TimesBlock utilizes a parameter-efficient inception block as $\rm Inception(\cdot)$ to extract the high-dimensional features from the 2D tensors. In addition to inception block, other computer vision backbones such as ResNet, ResNeXt, ConvNeXt and attention-based models can also be used as the backbone of TimesBlock, making the time series analysis take advantages of the development of computer vison community. The process of capturing temporal 2D-variations is formalized as follows:

\[\begin{align*} \mathbf{A}^{l - 1}, \lbrace f_1, \cdots, f_k\rbrace, \lbrace p_1, \cdots, p_k\rbrace &= {\rm Period}(\mathbf{X}^{l - 1}_{\rm 1D}) \\ \mathbf{X}^{l, i}_{\rm 2D} &= {\rm Reshape}_{p_i, f_i}({\rm Padding}(\mathbf{X}^{l - 1}_{1D})), \quad i \in \lbrace 1, \cdots, k\rbrace \\ \hat{\mathbf{X}}^{l, i}_{\rm 2D} &= {\rm Inception}(\mathbf{X}^{l, i}_{\rm 2D}), \quad i \in \lbrace 1, \cdots, k\rbrace \\ \hat{\mathbf{X}}^{l, i}_{\rm 2D} &= {\rm Trunc}\left({\rm Reshape}_{1, (p_i, f_i)}(\hat{\mathbf{X}}^{l, i}_{\rm 2D})\right), \quad i \in \lbrace 1, \cdots, k\rbrace \\ \end{align*}\]
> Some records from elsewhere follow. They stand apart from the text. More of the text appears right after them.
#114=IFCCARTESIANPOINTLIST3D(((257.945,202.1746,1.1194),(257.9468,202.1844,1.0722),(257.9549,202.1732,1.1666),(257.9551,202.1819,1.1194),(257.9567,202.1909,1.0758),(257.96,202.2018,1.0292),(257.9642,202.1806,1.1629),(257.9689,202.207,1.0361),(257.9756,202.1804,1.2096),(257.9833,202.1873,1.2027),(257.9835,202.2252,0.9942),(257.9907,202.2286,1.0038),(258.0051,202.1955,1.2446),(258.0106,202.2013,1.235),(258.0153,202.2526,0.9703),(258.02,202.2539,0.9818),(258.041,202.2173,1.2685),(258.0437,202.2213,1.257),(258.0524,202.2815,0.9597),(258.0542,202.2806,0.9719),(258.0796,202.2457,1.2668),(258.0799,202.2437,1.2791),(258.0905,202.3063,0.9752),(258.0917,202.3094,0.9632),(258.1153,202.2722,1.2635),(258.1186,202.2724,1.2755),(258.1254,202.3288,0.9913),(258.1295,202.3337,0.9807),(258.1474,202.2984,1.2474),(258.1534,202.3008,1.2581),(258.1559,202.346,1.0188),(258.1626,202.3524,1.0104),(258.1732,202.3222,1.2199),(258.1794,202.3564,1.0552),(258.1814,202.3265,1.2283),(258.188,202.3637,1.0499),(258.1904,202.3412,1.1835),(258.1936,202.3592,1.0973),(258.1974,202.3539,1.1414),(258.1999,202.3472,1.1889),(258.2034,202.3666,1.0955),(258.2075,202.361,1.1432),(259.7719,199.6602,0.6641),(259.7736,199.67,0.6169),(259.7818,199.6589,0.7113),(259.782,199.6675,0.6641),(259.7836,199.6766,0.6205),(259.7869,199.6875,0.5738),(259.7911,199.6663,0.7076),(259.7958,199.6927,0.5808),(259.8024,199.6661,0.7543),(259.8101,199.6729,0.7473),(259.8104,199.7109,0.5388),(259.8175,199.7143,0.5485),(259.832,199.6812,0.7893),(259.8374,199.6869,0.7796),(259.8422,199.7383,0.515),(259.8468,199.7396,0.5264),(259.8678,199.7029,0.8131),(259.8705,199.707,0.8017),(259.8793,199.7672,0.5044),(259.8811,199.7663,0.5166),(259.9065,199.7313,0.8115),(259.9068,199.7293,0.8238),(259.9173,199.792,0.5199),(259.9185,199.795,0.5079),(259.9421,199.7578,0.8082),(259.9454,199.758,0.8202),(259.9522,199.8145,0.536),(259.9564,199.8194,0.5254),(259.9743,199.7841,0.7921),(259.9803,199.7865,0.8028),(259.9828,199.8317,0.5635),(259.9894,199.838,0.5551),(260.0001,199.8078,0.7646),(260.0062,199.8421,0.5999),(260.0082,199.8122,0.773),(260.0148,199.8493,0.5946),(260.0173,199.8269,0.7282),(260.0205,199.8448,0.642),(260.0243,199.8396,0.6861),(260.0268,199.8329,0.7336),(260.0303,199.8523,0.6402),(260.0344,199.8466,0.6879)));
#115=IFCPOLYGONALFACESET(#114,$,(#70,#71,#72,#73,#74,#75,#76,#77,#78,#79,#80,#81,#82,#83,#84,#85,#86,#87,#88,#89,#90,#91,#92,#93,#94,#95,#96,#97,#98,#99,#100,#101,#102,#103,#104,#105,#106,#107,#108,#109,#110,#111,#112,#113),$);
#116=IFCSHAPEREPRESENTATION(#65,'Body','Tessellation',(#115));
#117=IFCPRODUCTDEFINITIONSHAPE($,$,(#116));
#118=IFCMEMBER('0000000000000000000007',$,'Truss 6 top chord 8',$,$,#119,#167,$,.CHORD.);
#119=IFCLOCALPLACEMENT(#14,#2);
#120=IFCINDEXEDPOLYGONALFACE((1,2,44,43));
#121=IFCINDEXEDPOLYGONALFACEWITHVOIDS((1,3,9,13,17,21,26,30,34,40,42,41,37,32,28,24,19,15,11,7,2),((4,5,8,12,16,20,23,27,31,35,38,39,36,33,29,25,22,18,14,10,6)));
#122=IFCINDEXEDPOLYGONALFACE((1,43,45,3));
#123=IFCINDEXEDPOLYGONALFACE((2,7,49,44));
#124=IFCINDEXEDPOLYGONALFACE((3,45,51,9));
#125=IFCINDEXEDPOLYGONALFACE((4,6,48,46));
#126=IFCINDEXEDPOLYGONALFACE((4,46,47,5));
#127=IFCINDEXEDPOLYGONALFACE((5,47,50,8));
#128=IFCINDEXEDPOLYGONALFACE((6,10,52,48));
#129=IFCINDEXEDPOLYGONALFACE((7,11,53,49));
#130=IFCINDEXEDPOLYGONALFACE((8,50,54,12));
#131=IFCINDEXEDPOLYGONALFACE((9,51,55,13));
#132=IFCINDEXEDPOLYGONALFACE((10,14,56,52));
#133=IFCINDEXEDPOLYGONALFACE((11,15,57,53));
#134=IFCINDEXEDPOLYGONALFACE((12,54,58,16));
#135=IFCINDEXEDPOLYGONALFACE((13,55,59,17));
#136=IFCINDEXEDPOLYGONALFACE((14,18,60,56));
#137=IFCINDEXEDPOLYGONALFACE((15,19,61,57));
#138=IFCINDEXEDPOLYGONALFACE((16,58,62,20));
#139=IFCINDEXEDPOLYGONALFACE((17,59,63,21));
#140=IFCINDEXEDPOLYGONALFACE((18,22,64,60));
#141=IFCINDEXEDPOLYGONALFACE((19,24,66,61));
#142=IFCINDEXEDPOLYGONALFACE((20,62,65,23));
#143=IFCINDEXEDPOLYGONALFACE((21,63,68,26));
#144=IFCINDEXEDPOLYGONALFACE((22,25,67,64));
where \({\rm Trunc}(\cdot)\) is to truncate the padded series with length \((p_i \times f_i)\) into original length \(T\).

Finally, the \(k\) different 1D-representations \(\lbrace \hat{\mathbf{X}}^{l, 1}_{\rm 1D}, \cdots, \hat{\mathbf{X}}^{l, k}_{\rm 1D}\rbrace\) are fused together based on the amplitudes to form the output \(\mathbf{X}^l_{\rm 1D} \in \mathbb{R}^{T\times d_{model}}\) of the $l$-th layer of TimesNet.

\[\begin{align*} \hat{\mathbf{A}}^{l - 1}_{f_1}, \cdots, \hat{\mathbf{A}}^{l - 1}_{f_k} &= {\rm Softmax}(A^{l - 1}_{f_1}, \cdots, A^{l - 1}_{f_k}) \\ \mathbf{X}^l_{\rm 1D} &= \sum_{i=1}^k \hat{\mathbf{A}}^{l - 1}_{f_i} \times \hat{\mathbf{X}}^{l, i}_{\rm 1D} \end{align*}\]

Given that the variations within and between periods are already encompassed in multiple highly-structured 2D tensors, the TimesBlock module is capable of capturing multi-scale temporal 2D variations simultaneously. As a result, TimesNet can accomplish more effective representation learning compared to learning directly from 1D time series.

In this particular scenario, FFT emerges as a pivotal technique for feature engineering. Nevertheless, feature engineering tends to be overlooked by many individuals who believe that developing more intricate models can simulate the process of mapping raw data to our desired targets.